CAVEN: An Embodied Conversational Agent for Efficient Audio-Visual Navigation in Noisy Environments


Audio-visual navigation of an agent towards locating an audio goal is a challenging task especially when the audio is sporadic or the environment noisy. In this paper, we present CAVEN, a Conversation-based Audio-Visual Embodied Navigation framework in which the agent may interact with a human/oracle for solving the task of navigating to an audio goal. Specifically, CAVEN is modeled as a budget-aware partially observable semi-Markov decision process that implicitly learns the uncertainty in the audio-based navigation pol- icy to decide when and how the agent may interact with the oracle. Our CAVEN agent can engage in fully-bidirectional natural language conversations by producing relevant questions and interpret free-form, potentially noisy responses from the oracle based on the audio-visual context.

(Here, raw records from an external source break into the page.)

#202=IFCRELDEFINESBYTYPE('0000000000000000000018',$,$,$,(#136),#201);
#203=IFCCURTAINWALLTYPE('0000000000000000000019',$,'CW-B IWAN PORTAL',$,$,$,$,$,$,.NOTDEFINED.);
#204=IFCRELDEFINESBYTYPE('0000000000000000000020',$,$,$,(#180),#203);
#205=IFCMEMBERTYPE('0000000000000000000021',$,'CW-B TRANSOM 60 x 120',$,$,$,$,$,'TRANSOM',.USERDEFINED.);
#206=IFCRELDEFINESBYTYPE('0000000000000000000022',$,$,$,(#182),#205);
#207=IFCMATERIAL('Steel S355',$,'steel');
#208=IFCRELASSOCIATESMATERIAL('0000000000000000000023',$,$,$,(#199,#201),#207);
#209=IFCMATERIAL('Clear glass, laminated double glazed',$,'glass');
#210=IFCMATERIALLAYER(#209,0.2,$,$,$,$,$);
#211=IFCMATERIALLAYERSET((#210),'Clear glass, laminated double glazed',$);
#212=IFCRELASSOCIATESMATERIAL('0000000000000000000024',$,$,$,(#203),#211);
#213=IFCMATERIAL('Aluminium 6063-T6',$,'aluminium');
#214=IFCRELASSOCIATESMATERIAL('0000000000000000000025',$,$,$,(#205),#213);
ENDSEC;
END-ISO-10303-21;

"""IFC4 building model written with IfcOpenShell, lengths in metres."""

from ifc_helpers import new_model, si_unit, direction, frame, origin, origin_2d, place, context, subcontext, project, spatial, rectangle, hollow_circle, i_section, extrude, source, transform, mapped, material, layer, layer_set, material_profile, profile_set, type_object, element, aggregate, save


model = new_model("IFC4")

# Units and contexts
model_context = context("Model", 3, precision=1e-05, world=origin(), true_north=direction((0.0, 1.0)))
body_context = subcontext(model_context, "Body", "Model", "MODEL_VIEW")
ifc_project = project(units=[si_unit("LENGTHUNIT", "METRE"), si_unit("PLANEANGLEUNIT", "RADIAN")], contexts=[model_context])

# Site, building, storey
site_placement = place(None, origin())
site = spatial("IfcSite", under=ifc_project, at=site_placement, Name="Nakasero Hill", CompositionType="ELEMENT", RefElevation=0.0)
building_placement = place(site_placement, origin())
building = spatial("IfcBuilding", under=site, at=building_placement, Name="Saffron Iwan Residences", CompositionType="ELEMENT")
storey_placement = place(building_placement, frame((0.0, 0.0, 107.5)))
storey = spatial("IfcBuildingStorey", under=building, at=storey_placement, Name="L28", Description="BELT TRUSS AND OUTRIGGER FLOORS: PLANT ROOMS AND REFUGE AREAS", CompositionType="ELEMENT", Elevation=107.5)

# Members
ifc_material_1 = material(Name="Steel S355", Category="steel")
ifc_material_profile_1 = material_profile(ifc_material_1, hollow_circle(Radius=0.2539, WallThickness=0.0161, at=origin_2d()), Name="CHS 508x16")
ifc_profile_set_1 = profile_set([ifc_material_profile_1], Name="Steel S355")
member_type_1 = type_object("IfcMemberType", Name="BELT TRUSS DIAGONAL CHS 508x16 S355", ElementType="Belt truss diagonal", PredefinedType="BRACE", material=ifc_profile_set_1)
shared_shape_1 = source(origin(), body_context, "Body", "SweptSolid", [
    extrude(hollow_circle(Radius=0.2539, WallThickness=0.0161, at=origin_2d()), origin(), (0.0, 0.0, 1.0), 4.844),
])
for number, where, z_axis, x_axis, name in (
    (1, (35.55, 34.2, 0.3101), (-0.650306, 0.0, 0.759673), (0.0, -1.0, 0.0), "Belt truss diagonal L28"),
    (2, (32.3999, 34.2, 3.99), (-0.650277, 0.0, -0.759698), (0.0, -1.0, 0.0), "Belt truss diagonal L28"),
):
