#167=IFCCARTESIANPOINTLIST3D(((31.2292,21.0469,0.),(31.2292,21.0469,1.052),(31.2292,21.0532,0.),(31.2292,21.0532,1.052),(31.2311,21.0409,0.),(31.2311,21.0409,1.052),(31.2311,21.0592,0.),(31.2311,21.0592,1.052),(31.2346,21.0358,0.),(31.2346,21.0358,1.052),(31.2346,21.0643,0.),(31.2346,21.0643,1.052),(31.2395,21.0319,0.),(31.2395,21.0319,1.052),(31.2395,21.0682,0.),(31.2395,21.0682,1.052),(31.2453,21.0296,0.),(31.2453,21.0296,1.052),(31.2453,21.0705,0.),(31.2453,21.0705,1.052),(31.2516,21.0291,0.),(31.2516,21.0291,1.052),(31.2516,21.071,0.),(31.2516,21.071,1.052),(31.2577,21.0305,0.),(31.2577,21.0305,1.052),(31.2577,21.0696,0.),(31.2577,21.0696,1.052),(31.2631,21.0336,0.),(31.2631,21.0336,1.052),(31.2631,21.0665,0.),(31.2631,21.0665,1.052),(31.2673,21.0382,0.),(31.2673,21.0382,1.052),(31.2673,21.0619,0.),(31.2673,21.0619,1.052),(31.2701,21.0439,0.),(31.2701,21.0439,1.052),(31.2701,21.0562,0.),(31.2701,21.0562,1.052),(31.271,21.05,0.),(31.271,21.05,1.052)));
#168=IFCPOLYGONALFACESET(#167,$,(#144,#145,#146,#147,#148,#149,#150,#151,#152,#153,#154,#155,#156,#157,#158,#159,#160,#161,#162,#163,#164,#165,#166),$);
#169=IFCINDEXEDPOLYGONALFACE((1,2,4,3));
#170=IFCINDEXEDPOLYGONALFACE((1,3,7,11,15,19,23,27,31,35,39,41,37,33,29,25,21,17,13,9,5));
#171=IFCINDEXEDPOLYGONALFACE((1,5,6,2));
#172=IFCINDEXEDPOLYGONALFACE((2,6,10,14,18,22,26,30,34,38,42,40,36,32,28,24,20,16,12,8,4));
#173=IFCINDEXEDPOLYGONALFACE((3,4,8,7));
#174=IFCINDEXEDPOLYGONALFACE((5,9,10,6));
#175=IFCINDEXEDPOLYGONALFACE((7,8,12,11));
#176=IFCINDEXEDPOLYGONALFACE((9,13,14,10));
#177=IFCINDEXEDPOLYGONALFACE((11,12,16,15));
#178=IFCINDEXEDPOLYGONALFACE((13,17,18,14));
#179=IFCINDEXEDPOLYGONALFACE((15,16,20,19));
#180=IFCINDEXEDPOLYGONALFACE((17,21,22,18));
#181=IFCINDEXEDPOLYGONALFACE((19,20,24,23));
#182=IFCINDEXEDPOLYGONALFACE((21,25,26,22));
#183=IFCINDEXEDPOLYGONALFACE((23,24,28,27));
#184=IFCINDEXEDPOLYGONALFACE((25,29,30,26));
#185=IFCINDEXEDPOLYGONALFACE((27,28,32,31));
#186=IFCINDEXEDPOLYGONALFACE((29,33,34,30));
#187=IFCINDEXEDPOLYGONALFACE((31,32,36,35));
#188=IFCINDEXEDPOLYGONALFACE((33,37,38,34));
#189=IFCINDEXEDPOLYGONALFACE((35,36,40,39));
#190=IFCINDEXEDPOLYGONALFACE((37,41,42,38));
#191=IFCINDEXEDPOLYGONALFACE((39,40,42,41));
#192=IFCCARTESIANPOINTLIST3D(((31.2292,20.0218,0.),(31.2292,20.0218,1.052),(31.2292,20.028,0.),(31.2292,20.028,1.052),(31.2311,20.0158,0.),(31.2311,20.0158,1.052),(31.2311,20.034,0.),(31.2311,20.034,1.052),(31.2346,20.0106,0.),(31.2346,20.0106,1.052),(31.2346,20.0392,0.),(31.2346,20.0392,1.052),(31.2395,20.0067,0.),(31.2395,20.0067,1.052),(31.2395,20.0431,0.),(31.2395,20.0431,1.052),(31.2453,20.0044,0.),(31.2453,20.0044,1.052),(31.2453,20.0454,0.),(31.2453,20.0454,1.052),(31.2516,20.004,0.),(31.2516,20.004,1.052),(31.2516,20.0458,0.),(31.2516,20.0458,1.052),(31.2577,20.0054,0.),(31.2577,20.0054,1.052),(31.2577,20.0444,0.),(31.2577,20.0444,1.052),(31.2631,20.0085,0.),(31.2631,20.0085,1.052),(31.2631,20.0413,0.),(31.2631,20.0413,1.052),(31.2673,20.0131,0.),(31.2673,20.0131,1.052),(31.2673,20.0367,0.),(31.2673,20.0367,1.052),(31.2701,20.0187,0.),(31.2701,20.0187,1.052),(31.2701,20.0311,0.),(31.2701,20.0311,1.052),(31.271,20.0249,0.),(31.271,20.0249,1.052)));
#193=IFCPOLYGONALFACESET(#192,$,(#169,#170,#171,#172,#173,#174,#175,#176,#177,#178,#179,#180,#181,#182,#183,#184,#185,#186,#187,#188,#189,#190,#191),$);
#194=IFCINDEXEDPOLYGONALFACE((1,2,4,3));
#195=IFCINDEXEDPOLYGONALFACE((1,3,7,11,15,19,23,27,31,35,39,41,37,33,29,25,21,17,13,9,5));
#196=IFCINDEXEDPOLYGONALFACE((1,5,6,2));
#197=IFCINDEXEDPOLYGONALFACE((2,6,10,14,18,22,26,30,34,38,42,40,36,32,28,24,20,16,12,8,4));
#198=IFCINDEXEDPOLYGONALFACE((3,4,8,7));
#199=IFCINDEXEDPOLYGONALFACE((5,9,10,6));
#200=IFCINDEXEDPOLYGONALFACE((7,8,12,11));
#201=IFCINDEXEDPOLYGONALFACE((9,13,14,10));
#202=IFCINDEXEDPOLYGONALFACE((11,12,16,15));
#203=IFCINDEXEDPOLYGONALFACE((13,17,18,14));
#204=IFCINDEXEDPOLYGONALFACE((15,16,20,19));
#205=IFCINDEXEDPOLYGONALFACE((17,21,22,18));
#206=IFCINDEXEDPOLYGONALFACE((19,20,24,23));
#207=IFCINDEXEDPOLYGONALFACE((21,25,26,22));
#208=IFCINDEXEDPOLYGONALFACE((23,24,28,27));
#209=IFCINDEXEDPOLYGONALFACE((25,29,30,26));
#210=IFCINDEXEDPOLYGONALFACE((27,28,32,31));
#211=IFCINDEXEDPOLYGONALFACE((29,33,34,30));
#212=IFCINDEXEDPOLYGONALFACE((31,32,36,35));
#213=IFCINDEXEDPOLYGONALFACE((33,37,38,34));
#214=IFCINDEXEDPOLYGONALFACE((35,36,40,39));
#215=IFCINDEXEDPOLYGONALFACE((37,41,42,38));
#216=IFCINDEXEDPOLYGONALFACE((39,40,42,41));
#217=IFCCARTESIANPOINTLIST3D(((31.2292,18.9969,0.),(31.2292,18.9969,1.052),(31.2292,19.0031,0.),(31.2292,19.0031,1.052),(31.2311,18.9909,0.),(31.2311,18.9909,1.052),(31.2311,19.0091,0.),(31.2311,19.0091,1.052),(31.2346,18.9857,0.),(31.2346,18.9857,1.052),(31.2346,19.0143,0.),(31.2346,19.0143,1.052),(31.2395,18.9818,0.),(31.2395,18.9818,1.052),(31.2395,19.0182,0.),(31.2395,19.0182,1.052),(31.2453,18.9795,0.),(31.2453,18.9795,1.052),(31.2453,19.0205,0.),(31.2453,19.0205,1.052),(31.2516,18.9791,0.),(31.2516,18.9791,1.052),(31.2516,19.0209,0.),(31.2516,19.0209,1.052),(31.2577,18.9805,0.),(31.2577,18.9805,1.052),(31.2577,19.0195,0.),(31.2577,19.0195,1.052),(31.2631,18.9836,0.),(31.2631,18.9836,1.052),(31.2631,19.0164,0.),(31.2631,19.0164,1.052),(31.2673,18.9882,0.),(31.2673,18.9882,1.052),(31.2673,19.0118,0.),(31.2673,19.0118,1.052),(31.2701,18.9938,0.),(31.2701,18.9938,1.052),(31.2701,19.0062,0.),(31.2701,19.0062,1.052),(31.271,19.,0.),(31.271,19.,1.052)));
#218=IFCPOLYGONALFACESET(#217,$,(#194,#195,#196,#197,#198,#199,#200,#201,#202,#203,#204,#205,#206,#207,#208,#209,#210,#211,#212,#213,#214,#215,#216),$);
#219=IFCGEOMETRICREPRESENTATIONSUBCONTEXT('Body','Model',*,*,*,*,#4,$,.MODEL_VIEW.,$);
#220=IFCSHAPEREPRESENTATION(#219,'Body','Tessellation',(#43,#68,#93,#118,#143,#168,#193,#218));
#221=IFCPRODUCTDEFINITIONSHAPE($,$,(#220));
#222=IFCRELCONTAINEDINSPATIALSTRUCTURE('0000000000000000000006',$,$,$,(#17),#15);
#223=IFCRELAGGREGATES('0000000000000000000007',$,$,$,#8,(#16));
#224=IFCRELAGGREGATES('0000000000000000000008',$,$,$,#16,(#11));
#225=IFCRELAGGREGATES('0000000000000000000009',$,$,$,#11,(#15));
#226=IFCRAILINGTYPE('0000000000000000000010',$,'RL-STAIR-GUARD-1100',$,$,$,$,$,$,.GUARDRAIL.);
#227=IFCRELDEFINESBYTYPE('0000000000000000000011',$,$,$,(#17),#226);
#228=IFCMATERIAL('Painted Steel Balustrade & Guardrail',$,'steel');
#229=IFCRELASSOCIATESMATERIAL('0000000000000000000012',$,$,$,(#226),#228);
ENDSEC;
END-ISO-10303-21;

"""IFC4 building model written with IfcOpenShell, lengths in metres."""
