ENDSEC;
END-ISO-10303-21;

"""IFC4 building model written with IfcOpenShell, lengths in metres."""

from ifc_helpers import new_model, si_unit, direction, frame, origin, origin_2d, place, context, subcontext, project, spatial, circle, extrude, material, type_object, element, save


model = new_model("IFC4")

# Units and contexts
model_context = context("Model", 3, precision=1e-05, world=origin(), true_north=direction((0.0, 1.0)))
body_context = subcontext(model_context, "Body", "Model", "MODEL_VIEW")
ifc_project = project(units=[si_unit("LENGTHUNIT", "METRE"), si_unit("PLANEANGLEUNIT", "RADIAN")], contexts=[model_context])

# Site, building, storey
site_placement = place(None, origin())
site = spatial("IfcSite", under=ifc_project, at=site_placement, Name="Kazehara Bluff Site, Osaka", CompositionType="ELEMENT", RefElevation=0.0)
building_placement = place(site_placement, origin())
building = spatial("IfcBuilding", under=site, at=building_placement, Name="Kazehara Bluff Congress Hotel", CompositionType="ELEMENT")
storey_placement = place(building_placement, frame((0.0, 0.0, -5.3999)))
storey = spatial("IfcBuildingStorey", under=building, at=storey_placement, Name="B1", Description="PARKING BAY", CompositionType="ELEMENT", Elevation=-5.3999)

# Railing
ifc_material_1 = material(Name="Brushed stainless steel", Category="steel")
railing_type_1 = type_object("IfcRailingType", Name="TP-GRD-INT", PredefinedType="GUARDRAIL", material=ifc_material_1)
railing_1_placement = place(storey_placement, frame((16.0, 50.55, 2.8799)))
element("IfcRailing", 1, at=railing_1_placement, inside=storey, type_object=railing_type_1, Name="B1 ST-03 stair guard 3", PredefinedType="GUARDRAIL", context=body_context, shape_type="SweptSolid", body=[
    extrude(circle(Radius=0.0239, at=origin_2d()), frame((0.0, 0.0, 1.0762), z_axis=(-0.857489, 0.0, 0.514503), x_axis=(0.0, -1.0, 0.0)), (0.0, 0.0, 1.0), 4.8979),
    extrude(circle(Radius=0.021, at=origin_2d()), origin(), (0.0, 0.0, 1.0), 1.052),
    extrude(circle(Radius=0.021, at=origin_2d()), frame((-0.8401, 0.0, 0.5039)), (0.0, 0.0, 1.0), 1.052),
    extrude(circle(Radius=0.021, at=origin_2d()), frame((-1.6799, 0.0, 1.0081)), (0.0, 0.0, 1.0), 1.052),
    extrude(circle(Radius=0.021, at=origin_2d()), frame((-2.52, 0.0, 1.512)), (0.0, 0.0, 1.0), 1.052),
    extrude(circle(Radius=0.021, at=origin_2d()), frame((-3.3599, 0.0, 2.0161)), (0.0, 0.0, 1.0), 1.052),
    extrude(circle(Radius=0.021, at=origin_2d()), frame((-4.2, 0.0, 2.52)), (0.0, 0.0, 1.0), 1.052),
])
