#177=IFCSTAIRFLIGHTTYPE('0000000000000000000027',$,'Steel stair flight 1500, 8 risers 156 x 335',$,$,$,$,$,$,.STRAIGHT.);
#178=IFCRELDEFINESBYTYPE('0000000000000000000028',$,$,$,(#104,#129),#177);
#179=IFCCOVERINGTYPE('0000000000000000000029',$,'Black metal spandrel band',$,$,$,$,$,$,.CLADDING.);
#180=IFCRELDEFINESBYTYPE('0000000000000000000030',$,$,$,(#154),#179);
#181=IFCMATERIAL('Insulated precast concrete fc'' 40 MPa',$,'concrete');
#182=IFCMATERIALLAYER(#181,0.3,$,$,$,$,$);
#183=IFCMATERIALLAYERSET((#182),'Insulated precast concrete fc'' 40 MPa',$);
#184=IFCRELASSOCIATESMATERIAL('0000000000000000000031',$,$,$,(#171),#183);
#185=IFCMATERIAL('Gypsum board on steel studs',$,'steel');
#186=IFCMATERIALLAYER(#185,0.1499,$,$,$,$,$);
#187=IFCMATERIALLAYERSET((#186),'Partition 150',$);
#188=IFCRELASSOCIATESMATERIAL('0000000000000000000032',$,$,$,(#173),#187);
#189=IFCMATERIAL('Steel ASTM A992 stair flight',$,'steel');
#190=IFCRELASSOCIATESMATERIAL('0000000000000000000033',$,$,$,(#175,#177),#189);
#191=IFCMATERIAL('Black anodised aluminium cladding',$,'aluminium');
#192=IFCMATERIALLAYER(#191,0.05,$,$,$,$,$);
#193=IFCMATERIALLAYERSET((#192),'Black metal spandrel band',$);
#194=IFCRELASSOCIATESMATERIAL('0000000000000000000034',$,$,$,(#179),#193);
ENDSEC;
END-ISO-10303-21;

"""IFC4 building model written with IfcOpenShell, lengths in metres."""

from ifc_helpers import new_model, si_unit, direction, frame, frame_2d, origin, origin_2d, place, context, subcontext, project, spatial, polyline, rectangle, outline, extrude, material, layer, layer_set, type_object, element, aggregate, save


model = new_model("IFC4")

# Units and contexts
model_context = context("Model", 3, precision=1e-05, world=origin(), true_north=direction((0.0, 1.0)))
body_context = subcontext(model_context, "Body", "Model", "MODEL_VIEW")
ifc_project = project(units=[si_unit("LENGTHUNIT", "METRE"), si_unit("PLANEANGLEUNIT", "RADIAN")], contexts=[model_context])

To enable such a capability, CAVEN is equipped with: i) a trajectory forecasting network that is grounded in audio-visual cues to produce a potential trajectory to the estimated goal, and (ii) a natural language based question generation and reasoning network to pose an interactive question to the oracle or interpret the oracle’s response to produce navigation instructions. To train the interactive modules, we present a large scale dataset: AVN-Instruct, based on the Landmark-RxR dataset. To substantiate the usefulness of conversations, we present experiments on the benchmark audio-goal task using the SoundSpaces simulator under various noisy settings. Our results reveal that our fully-conversational approach leads to nearly an order-of-magnitude improvement in success rate, especially in localizing new sound sources and against methods that use only uni-directional interaction.